My STBXH is an alcoholic and we've been living separately since Dec, 2010. Separate homes (we don't and never have owned a house together), separate bank accounts, credit cards, etc. My credit is clean and I have no real loans except as cosigner on my daughter's car. Nothing on my credit cards.

On the other hand, my husband isn't working and had himself a 2 year party blowing through his inheritance and living off credit cards. He's been drinking and in rehab several times in the past 2.5 years. I've had enough and filed for divorce. I want nothing to do with his problems or debts. 

My problem is that I have both kids and he's not paying anything..it's all on me and I want child support from him. This is the second time in 2 years that's eaten away at my savings as a result of his antics and problems. 

He says he's willing to pay half of our children's expenses and we are going to sit down and figure out what's needed and hopefully he'll agree to pay something. He's already agreed that all our assets (not much there but a couple of 10 year old cars) and our debts will be our own and separate. I don't know exactly how much he's racked up on his credit cards but it was all done while we were separated and I want nothing to do with it. He says that's fine and wouldn't expect me to pay it but I want it legal and in writing. 
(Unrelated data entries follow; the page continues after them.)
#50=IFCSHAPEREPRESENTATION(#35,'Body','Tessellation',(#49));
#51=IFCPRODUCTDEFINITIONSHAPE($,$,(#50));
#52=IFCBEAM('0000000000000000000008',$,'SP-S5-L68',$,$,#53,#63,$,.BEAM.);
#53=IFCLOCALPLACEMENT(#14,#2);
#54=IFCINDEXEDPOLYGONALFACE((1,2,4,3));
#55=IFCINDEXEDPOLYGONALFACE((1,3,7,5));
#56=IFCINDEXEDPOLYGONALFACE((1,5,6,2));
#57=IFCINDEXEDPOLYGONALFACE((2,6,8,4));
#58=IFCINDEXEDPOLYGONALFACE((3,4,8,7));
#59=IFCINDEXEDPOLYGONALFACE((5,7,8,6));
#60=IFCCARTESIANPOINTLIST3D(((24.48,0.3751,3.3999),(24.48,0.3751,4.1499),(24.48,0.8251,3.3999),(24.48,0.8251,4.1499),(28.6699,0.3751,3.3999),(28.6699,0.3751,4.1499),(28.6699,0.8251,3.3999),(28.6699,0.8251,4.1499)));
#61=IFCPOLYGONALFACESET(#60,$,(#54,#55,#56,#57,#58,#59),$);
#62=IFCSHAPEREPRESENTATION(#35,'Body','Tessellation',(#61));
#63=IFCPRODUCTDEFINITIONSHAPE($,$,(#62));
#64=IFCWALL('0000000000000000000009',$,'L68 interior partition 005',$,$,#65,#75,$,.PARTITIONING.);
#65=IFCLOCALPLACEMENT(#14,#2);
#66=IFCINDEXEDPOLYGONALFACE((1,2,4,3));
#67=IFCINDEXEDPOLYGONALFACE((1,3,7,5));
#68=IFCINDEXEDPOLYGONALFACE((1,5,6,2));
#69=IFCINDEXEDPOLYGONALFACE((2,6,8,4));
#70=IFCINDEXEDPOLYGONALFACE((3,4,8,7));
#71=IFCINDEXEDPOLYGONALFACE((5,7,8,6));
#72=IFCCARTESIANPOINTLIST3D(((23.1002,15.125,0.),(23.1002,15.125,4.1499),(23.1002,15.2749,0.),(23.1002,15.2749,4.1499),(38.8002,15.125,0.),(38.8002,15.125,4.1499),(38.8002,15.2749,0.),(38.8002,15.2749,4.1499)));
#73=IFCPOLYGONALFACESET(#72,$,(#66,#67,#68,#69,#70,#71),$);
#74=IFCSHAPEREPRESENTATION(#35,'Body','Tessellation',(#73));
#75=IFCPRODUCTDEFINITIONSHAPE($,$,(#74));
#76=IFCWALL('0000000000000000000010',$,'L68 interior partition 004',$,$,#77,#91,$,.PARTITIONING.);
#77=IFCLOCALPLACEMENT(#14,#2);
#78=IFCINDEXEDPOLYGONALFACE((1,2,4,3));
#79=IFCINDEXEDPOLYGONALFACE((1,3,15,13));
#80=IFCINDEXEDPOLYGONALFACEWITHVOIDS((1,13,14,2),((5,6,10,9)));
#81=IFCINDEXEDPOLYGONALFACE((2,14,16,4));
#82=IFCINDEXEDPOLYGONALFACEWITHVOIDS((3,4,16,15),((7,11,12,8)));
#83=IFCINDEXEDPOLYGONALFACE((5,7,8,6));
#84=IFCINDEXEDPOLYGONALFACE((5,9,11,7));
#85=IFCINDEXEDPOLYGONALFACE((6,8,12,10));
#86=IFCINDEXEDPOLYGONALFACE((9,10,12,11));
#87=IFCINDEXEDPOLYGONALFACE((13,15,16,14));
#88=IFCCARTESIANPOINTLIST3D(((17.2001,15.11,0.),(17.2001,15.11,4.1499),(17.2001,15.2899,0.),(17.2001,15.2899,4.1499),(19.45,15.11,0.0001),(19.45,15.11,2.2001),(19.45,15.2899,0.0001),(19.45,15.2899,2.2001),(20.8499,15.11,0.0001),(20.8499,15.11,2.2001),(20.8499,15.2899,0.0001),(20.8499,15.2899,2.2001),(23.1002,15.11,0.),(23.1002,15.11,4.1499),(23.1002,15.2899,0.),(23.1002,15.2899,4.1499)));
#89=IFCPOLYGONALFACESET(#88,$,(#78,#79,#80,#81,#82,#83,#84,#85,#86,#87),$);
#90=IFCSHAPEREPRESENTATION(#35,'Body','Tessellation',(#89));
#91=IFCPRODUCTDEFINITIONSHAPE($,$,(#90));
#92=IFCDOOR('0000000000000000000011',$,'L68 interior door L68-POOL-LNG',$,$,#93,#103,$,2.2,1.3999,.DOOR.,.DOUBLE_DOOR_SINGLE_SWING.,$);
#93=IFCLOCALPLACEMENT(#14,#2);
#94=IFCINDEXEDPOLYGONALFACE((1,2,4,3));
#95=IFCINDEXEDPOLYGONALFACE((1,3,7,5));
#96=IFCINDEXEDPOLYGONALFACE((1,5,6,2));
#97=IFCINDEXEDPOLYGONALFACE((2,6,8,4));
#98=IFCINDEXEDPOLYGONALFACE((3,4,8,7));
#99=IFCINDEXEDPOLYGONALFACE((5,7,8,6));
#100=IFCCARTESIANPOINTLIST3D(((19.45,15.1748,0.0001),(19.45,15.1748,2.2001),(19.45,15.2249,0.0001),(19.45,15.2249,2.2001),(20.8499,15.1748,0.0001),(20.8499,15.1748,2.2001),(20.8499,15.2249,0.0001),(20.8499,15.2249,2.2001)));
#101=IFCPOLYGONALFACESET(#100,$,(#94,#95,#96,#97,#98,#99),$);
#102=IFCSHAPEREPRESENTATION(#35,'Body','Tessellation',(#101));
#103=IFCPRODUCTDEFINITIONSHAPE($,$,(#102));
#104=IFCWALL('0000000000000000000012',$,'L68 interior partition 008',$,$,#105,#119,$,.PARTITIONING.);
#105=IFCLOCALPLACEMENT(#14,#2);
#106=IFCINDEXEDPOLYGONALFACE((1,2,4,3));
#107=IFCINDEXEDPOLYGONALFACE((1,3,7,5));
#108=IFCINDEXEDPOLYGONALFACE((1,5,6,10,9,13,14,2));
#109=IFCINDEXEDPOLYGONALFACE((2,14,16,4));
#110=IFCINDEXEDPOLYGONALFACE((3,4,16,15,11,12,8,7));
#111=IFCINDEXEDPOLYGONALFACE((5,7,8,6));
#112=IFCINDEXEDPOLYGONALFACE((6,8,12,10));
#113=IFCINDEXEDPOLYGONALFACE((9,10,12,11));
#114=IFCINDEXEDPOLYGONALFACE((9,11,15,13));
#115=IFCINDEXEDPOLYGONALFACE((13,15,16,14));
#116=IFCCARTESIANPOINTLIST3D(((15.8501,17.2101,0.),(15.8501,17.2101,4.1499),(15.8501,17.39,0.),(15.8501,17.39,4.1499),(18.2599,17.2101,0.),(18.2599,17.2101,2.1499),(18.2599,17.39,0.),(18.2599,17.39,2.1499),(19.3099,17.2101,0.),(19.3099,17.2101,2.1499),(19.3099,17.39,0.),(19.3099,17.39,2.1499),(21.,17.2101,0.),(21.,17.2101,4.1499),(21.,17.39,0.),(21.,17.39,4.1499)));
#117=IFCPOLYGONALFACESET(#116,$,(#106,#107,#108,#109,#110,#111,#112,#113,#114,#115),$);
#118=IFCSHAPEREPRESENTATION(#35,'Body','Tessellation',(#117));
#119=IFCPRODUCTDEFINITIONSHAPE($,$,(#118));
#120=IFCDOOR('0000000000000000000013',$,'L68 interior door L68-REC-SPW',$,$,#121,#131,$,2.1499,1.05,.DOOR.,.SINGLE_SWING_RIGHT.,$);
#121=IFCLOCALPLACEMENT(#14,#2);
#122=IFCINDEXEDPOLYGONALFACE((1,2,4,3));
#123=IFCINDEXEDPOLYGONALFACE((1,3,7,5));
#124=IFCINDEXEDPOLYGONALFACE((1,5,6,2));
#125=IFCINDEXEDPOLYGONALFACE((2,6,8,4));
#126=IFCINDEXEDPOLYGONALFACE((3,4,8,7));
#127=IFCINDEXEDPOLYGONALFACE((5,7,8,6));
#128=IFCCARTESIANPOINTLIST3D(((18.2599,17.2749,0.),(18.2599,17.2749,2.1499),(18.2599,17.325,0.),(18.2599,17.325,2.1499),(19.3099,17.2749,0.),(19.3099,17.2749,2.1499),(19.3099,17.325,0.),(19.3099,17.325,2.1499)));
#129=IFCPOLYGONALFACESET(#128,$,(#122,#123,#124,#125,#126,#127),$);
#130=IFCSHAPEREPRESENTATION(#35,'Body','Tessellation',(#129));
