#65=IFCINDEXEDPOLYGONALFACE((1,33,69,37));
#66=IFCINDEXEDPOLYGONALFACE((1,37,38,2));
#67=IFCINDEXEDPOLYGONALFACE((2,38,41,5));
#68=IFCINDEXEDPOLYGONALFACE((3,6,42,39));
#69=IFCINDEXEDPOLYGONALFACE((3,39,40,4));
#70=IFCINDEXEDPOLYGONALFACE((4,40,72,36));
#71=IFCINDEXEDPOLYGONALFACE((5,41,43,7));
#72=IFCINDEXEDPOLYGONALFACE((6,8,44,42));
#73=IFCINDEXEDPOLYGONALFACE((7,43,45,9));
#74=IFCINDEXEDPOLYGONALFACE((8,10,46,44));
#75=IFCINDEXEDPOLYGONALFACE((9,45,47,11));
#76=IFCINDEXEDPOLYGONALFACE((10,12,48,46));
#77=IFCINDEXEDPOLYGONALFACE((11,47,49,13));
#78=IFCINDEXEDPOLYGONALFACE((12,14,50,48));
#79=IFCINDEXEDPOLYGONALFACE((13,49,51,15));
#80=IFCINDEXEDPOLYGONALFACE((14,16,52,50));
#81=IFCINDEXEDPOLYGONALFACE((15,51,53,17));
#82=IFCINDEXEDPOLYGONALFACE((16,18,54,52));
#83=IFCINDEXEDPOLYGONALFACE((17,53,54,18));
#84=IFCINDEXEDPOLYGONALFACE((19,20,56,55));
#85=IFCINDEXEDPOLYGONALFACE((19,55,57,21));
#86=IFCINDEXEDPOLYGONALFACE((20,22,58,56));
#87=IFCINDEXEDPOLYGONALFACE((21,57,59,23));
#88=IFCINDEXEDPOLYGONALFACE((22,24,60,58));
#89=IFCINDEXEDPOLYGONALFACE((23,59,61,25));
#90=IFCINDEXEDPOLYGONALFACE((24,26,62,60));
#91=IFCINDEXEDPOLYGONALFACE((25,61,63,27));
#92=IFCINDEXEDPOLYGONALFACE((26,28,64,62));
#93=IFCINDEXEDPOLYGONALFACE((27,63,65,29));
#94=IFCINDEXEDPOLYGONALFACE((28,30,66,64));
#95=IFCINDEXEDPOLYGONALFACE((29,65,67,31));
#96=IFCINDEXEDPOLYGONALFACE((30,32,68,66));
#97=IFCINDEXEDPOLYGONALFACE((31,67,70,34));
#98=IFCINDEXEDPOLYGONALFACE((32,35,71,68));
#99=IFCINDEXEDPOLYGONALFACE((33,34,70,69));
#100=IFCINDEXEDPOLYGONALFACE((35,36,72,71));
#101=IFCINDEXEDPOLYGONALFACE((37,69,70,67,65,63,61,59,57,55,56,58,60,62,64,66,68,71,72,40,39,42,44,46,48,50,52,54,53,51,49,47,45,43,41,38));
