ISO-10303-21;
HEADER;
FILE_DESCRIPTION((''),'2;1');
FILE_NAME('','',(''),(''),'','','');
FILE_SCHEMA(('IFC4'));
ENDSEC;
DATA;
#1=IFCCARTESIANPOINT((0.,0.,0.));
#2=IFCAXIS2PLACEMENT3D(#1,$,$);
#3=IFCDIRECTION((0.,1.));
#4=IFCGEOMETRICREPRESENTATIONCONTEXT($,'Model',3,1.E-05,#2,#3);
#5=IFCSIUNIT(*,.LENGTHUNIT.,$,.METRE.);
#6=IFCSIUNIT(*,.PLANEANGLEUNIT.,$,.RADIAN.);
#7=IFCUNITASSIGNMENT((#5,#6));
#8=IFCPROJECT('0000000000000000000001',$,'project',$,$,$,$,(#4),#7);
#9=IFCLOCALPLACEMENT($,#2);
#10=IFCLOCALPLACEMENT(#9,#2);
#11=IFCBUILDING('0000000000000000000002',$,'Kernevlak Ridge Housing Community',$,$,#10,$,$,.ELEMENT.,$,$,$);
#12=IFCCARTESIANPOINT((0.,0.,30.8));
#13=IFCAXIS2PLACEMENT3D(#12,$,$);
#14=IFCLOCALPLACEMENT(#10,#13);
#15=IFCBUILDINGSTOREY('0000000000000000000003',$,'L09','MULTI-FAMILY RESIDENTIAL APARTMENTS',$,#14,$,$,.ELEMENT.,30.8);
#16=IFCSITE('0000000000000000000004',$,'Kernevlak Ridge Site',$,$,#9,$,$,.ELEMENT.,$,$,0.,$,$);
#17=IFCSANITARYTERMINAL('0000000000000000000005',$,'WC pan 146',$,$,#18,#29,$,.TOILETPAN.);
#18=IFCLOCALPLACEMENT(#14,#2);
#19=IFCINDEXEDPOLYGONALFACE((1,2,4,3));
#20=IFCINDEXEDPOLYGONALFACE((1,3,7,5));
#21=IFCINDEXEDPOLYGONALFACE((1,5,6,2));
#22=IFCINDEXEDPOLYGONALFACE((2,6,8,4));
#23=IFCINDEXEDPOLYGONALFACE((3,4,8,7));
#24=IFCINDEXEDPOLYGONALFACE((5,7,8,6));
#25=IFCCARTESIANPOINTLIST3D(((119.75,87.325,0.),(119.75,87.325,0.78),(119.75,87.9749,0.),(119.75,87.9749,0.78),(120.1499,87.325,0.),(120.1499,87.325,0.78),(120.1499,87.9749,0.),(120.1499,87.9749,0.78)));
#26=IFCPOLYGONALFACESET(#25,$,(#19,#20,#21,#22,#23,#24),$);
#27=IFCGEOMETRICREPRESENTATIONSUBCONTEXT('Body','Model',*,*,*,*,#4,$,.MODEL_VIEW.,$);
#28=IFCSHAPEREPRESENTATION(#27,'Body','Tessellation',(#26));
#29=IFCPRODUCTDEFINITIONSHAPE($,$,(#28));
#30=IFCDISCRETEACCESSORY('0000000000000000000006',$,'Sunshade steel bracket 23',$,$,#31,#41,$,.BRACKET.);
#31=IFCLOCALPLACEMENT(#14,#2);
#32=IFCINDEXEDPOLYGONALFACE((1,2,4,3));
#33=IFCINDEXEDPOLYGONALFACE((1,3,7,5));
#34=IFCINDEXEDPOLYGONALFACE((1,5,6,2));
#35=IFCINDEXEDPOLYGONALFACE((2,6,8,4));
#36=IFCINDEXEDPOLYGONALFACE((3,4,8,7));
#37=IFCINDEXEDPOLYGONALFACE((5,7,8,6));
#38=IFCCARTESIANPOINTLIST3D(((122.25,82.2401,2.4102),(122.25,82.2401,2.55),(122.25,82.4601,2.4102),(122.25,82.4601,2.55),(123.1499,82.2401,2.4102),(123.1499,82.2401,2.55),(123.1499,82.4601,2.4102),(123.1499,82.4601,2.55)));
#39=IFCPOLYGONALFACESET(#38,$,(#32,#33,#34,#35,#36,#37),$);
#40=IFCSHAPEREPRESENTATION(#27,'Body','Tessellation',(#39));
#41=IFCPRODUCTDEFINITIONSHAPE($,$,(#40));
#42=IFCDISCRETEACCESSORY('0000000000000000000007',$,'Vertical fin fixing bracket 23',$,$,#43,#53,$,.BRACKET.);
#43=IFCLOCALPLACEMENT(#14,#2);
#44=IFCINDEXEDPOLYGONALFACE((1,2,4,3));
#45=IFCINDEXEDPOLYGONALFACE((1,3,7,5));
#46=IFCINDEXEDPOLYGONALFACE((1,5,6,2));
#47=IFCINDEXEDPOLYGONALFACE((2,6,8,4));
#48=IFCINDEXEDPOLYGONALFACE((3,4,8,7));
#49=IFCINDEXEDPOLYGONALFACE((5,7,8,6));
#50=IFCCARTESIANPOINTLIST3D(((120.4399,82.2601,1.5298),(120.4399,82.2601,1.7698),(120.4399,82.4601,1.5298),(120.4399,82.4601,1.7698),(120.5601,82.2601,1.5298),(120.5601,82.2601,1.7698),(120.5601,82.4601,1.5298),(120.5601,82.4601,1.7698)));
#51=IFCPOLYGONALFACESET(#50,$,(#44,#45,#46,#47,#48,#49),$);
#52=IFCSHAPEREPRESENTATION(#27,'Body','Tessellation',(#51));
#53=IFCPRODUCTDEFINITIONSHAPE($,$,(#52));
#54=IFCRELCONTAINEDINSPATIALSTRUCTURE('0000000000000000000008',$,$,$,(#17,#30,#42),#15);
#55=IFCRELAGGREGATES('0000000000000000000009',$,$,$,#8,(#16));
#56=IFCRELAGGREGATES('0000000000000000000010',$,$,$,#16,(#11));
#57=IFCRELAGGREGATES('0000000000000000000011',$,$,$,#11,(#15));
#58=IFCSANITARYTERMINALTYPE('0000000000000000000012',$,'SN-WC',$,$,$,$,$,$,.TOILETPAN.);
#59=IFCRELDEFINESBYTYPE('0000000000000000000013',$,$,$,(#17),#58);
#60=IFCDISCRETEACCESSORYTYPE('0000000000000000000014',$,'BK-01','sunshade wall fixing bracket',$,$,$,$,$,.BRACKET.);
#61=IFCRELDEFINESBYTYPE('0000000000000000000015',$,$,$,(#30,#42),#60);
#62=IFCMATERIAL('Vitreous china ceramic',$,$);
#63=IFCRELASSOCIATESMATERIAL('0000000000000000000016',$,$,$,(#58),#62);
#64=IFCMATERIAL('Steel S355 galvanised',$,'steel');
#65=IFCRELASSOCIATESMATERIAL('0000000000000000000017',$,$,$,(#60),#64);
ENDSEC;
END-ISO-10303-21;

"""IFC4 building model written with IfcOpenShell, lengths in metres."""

from ifc_helpers import new_model, si_unit, direction, frame, origin, origin_2d, place, context, subcontext, project, spatial, rectangle, extrude, material, type_object, element, save


model = new_model("IFC4")

# Units and contexts
model_context = context("Model", 3, precision=1e-05, world=origin(), true_north=direction((0.0, 1.0)))
body_context = subcontext(model_context, "Body", "Model", "MODEL_VIEW")
ifc_project = project(units=[si_unit("LENGTHUNIT", "METRE"), si_unit("PLANEANGLEUNIT", "RADIAN")], contexts=[model_context])

# Site, building, storey
site_placement = place(None, origin())
site = spatial("IfcSite", under=ifc_project, at=site_placement, Name="Kernevlak Ridge Site", CompositionType="ELEMENT", RefElevation=0.0)
building_placement = place(site_placement, origin())
building = spatial("IfcBuilding", under=site, at=building_placement, Name="Kernevlak Ridge Housing Community", CompositionType="ELEMENT")
storey_placement = place(building_placement, frame((0.0, 0.0, 30.8)))
storey = spatial("IfcBuildingStorey", under=building, at=storey_placement, Name="L09", Description="MULTI-FAMILY RESIDENTIAL APARTMENTS", CompositionType="ELEMENT", Elevation=30.8)

# Sanitary terminal
ifc_material_1 = material(Name="Vitreous china ceramic")
sanitary_terminal_type_1 = type_object("IfcSanitaryTerminalType", Name="SN-WC", PredefinedType="TOILETPAN", material=ifc_material_1)
sanitary_terminal_1_placement = place(storey_placement, frame((119.95, 87.6499, 0.0), z_axis=(0.0, 0.0, 1.0), x_axis=(1.0, 0.0, 0.0)))
element("IfcSanitaryTerminal", 1, at=sanitary_terminal_1_placement, inside=storey, type_object=sanitary_terminal_type_1, Name="WC pan 146", PredefinedType="TOILETPAN", context=body_context, shape_type="SweptSolid", body=[
    extrude(rectangle(XDim=0.3999, YDim=0.6499, at=origin_2d()), origin(), (0.0, 0.0, 1.0), 0.78),
])

# Discrete accessories
ifc_material_2 = material(Name="Steel S355 galvanised", Category="steel")
discrete_accessory_type = type_object("IfcDiscreteAccessoryType", Name="BK-01", Description="sunshade wall fixing bracket", PredefinedType="BRACKET", material=ifc_material_2)
discrete_accessory_1_placement = place(storey_placement, frame((122.7, 82.3501, 2.4102), z_axis=(0.0, 0.0, 1.0), x_axis=(1.0, 0.0, 0.0)))
element("IfcDiscreteAccessory", 2, at=discrete_accessory_1_placement, inside=storey, type_object=discrete_accessory_type, Name="Sunshade steel bracket 23", PredefinedType="BRACKET", context=body_context, shape_type="SweptSolid", body=[
    extrude(rectangle(XDim=0.8999, YDim=0.22, at=origin_2d()), origin(), (0.0, 0.0, 1.0), 0.1399),
])
discrete_accessory_2_placement = place(storey_placement, frame((120.5, 82.3601, 1.5298), z_axis=(0.0, 0.0, 1.0), x_axis=(1.0, 0.0, 0.0)))
element("IfcDiscreteAccessory", 3, at=discrete_accessory_2_placement, inside=storey, type_object=discrete_accessory_type, Name="Vertical fin fixing bracket 23", PredefinedType="BRACKET", context=body_context, shape_type="SweptSolid", body=[
    extrude(rectangle(XDim=0.1201, YDim=0.2, at=origin_2d()), origin(), (0.0, 0.0, 1.0), 0.24),
])

save(model, "model.ifc")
Assuming he stays sober, he is free to visit with our 15 year old son as much as he wants but our son is to live with me. My 18 year old daughter is putting herself through college and wants nothing to do with him. 

We talked last weekend and right now he's sober and is asking for time to "put his life back together". I agreed to give him some breathing room but reiterated that I expect support from him for our son. In the meantime when the papers are filed I will be giving them to him and we will hopefully draw up a contract and have an uncontested divorce. Neither of us can afford an attorney. The cost of filing here in NJ is quite steep ($275) and I'm waiting on a fee waiver from a judge. I've already filed the papers but am waiting for it to be finalized. It'll cost him $135 to counterfile. He can put in for a waiver as well. I agreed to give him the papers personally so no need to get a sheriff to serve them. I agreed to consult with him on everything that's going on. 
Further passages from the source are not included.